En lait conventionnel de plaine, le prix de revient progresse de 14 %, selon l’indicateur Idele publié par le Cniel.
Les indicateurs de coût de production et de prix de revient portant sur l’année 2023, publiés récemment par le Cniel (interprofession laitière), sont en hausse. Pour une exploitation bovin lait de plaine en conventionnel, le coût de production s’élève en moyenne à 615 €/1 000 l et son prix de revient à 485 €/1 000 l soit une hausse de 14 % par rapport à 2022. Pour les exploitations conventionnelles de montagne, ils sont de 762 €/1 000 l et 571 €/1 000 l (+ 12 %).
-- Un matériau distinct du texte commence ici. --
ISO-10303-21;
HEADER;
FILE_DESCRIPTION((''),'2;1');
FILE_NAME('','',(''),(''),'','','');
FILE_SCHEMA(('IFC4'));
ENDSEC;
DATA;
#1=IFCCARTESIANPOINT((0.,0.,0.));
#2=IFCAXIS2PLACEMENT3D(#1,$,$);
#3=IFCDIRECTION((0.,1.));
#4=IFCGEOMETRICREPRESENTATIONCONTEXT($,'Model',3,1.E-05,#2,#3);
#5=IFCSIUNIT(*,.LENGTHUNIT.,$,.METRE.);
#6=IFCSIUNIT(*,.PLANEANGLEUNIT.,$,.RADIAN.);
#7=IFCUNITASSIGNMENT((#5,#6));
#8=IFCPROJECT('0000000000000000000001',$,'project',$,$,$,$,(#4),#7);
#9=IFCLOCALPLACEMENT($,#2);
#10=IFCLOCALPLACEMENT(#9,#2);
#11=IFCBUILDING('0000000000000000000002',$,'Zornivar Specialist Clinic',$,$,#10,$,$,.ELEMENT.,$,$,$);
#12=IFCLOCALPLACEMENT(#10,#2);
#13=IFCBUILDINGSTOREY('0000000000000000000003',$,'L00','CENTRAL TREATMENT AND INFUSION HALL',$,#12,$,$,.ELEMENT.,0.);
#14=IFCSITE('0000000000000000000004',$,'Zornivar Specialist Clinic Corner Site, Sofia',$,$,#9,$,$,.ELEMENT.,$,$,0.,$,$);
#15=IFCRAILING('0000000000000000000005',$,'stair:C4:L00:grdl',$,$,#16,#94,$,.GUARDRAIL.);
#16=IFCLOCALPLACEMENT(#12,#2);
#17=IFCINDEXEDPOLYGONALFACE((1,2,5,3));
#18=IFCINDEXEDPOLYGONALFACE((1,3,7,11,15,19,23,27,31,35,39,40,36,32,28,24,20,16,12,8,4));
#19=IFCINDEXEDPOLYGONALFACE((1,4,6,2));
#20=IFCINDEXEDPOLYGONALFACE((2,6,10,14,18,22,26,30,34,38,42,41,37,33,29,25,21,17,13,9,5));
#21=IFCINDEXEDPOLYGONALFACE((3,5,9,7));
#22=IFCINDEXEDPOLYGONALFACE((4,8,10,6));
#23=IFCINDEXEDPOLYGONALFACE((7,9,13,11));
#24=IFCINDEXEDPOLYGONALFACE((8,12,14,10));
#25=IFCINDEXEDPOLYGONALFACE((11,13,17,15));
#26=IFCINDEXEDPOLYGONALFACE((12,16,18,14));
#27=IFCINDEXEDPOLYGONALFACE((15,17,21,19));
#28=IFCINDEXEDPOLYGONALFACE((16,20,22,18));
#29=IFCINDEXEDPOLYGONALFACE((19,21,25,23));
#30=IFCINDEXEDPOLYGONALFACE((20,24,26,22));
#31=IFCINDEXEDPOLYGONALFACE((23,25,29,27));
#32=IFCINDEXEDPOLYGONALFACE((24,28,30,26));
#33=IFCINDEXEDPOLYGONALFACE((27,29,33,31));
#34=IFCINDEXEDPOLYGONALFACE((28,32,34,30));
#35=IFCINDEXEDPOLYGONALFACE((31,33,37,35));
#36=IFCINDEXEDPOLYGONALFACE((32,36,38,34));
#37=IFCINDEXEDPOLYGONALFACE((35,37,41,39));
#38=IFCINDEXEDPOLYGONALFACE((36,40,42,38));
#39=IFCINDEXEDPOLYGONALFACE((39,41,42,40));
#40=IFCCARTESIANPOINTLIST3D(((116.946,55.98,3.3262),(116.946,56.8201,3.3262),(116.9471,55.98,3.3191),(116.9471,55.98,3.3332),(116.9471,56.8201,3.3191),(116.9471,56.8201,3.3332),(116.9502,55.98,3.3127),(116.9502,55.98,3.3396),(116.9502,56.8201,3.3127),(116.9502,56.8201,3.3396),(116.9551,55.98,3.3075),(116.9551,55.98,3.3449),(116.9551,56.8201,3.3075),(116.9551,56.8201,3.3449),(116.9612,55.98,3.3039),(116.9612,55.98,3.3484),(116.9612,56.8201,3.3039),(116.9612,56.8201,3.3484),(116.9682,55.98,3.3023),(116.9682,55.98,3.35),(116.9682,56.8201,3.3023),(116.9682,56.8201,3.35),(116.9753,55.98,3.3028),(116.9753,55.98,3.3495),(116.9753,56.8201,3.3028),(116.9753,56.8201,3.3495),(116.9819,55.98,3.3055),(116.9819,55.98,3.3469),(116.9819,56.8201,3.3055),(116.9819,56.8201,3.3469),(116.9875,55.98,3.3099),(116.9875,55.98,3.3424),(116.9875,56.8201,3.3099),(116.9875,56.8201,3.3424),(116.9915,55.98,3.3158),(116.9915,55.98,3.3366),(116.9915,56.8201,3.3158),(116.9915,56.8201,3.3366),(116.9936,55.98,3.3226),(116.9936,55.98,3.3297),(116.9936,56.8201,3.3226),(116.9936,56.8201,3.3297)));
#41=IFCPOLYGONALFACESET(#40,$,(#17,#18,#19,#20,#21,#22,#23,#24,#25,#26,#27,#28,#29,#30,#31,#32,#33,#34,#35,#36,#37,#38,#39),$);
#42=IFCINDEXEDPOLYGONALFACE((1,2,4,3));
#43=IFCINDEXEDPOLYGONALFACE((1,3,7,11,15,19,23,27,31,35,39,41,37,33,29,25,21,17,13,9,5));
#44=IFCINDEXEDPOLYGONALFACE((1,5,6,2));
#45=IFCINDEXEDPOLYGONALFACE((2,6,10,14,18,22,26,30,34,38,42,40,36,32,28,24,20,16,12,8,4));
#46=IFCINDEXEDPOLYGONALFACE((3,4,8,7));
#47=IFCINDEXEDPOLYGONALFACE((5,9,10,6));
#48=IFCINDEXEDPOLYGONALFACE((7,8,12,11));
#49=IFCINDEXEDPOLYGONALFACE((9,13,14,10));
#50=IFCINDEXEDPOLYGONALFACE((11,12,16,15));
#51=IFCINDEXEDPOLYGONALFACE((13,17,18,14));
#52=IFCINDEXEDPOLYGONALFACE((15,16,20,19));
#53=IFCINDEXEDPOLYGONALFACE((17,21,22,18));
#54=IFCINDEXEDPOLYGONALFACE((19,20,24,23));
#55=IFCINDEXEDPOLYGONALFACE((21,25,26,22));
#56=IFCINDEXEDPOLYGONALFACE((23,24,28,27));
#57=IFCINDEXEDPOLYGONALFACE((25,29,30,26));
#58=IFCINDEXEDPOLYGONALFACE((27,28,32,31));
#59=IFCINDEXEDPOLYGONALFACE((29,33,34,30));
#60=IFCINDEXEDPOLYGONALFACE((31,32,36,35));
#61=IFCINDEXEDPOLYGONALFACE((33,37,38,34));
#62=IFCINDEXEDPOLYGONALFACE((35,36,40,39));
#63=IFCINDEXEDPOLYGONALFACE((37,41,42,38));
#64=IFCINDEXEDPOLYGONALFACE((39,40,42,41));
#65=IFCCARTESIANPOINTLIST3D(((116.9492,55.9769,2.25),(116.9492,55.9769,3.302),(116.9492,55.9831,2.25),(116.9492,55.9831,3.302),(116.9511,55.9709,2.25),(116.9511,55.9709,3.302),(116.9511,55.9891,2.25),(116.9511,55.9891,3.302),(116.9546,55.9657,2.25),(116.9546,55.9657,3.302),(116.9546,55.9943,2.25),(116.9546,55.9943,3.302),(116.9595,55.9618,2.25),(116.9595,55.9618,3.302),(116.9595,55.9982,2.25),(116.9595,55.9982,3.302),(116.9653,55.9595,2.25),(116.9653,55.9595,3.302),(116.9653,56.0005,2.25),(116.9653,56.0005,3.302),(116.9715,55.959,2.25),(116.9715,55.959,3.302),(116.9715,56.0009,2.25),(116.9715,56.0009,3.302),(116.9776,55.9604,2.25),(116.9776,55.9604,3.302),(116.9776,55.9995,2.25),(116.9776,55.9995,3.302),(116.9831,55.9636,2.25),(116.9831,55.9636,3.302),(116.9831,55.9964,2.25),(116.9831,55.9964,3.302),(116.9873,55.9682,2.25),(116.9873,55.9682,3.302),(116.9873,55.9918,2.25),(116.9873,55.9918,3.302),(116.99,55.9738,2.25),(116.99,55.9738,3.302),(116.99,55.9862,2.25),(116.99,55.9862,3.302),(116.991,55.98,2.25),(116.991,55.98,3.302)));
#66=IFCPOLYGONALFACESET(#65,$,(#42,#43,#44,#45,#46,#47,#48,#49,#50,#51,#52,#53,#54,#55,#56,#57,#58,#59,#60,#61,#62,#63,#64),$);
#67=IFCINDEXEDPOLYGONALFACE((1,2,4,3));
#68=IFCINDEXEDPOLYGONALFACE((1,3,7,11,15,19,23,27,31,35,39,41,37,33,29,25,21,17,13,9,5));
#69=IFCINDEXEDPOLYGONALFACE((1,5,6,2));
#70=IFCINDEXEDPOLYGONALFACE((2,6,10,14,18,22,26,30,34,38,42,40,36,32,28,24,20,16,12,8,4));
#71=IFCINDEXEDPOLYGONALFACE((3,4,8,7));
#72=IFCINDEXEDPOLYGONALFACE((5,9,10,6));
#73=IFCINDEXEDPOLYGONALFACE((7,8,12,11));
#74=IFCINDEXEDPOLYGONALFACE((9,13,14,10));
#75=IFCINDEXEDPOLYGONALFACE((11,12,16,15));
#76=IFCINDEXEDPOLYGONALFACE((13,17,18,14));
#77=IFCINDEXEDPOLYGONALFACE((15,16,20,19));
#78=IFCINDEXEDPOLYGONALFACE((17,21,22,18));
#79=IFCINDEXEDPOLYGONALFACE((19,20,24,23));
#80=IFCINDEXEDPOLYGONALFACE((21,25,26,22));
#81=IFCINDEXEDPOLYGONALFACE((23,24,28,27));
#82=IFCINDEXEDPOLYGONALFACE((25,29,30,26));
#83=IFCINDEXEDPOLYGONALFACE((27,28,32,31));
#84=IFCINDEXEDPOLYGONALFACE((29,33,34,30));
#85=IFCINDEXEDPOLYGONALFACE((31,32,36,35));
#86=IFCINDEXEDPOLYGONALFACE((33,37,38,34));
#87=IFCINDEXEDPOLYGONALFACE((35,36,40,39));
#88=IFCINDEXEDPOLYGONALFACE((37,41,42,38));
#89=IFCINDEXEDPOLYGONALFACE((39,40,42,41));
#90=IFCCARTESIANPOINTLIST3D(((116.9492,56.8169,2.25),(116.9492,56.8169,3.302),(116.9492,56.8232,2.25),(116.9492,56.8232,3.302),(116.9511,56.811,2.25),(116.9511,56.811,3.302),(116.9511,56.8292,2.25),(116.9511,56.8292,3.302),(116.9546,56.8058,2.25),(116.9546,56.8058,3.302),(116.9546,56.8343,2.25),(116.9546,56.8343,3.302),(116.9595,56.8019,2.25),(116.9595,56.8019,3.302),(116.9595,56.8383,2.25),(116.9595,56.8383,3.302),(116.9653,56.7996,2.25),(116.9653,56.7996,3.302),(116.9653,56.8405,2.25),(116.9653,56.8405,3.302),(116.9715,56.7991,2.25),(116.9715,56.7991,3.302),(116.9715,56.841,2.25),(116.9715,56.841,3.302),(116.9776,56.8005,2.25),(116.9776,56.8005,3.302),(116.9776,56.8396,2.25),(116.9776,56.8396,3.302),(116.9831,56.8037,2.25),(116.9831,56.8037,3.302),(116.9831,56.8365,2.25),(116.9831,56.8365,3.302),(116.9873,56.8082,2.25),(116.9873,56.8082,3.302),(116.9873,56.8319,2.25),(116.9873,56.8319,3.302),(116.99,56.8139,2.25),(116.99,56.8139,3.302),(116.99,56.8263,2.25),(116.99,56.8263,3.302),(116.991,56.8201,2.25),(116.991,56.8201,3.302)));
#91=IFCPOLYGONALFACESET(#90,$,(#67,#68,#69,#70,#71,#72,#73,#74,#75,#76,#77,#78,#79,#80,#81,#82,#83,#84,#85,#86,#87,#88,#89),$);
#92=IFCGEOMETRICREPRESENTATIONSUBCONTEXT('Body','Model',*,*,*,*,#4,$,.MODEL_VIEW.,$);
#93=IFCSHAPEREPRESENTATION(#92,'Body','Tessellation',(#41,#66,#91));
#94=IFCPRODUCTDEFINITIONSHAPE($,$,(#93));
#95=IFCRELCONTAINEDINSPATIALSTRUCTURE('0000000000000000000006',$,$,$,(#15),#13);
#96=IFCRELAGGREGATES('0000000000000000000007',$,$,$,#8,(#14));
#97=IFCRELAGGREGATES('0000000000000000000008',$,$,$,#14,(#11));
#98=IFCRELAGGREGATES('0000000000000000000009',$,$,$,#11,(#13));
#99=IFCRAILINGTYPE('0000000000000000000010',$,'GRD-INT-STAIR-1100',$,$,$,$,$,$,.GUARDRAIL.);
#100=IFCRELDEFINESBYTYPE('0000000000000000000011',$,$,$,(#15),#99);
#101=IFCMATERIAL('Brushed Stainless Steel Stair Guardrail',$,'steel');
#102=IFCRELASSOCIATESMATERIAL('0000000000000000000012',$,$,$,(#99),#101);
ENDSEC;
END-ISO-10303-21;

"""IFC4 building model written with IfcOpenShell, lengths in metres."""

from ifc_helpers import new_model, si_unit, direction, frame, origin, origin_2d, place, context, subcontext, project, spatial, circle, extrude, material, type_object, element, save


model = new_model("IFC4")

# Units and contexts
model_context = context("Model", 3, precision=1e-05, world=origin(), true_north=direction((0.0, 1.0)))
body_context = subcontext(model_context, "Body", "Model", "MODEL_VIEW")
ifc_project = project(units=[si_unit("LENGTHUNIT", "METRE"), si_unit("PLANEANGLEUNIT", "RADIAN")], contexts=[model_context])

# Site, building, storey
site_placement = place(None, origin())
site = spatial("IfcSite", under=ifc_project, at=site_placement, Name="Zornivar Specialist Clinic Corner Site, Sofia", CompositionType="ELEMENT", RefElevation=0.0)
building_placement = place(site_placement, origin())
building = spatial("IfcBuilding", under=site, at=building_placement, Name="Zornivar Specialist Clinic", CompositionType="ELEMENT")
storey_placement = place(building_placement, origin())
storey = spatial("IfcBuildingStorey", under=building, at=storey_placement, Name="L00", Description="CENTRAL TREATMENT AND INFUSION HALL", CompositionType="ELEMENT", Elevation=0.0)

# Railing
ifc_material_1 = material(Name="Brushed Stainless Steel Stair Guardrail", Category="steel")
railing_type_1 = type_object("IfcRailingType", Name="GRD-INT-STAIR-1100", PredefinedType="GUARDRAIL", material=ifc_material_1)
railing_1_placement = place(storey_placement, frame((116.97, 55.98, 2.25)))
element("IfcRailing", 1, at=railing_1_placement, inside=storey, type_object=railing_type_1, Name="stair:C4:L00:grdl", PredefinedType="GUARDRAIL", context=body_context, shape_type="SweptSolid", body=[
    extrude(circle(Radius=0.0239, at=origin_2d()), frame((0.0, 0.0, 1.0762), z_axis=(0.0, 1.0, 0.0), x_axis=(-1.0, 0.0, 0.0)), (0.0, 0.0, 1.0), 0.8401),
    extrude(circle(Radius=0.021, at=origin_2d()), origin(), (0.0, 0.0, 1.0), 1.052),
    extrude(circle(Radius=0.021, at=origin_2d()), frame((0.0, 0.8401, 0.0)), (0.0, 0.0, 1.0), 1.052),
])

save(model, "model.ifc")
Pour référence, le prix moyen du lait conventionnel à teneurs réelles est actuellement autour de 460 €/1 000
Concernant les exploitations en lait bio de plaine, ils sont de 787 €/1 000 l et 554 €/1 000 l (+ 7 %) et, pour les exploitations bio de montagne, ils sont de 946 €/1 000 l et 682 €/1 000 l (+ 8 %). Les éleveurs demandaient une mise à jour rapide de l’indicateur, calculé par l’Idele selon une méthode validée par le Cniel, avant les négociations entre les industriels et la grande distribution. « Il faut que les conditions générales de vente qui seront envoyées à partir du 1er novembre prennent en compte ce nouveau coût de production », a affirmé le président de la FNPL (producteurs de lait, FNSEA) Yohann Barbe, à l’occasion de la conférence de presse du syndicat au Space, le 18 septembre.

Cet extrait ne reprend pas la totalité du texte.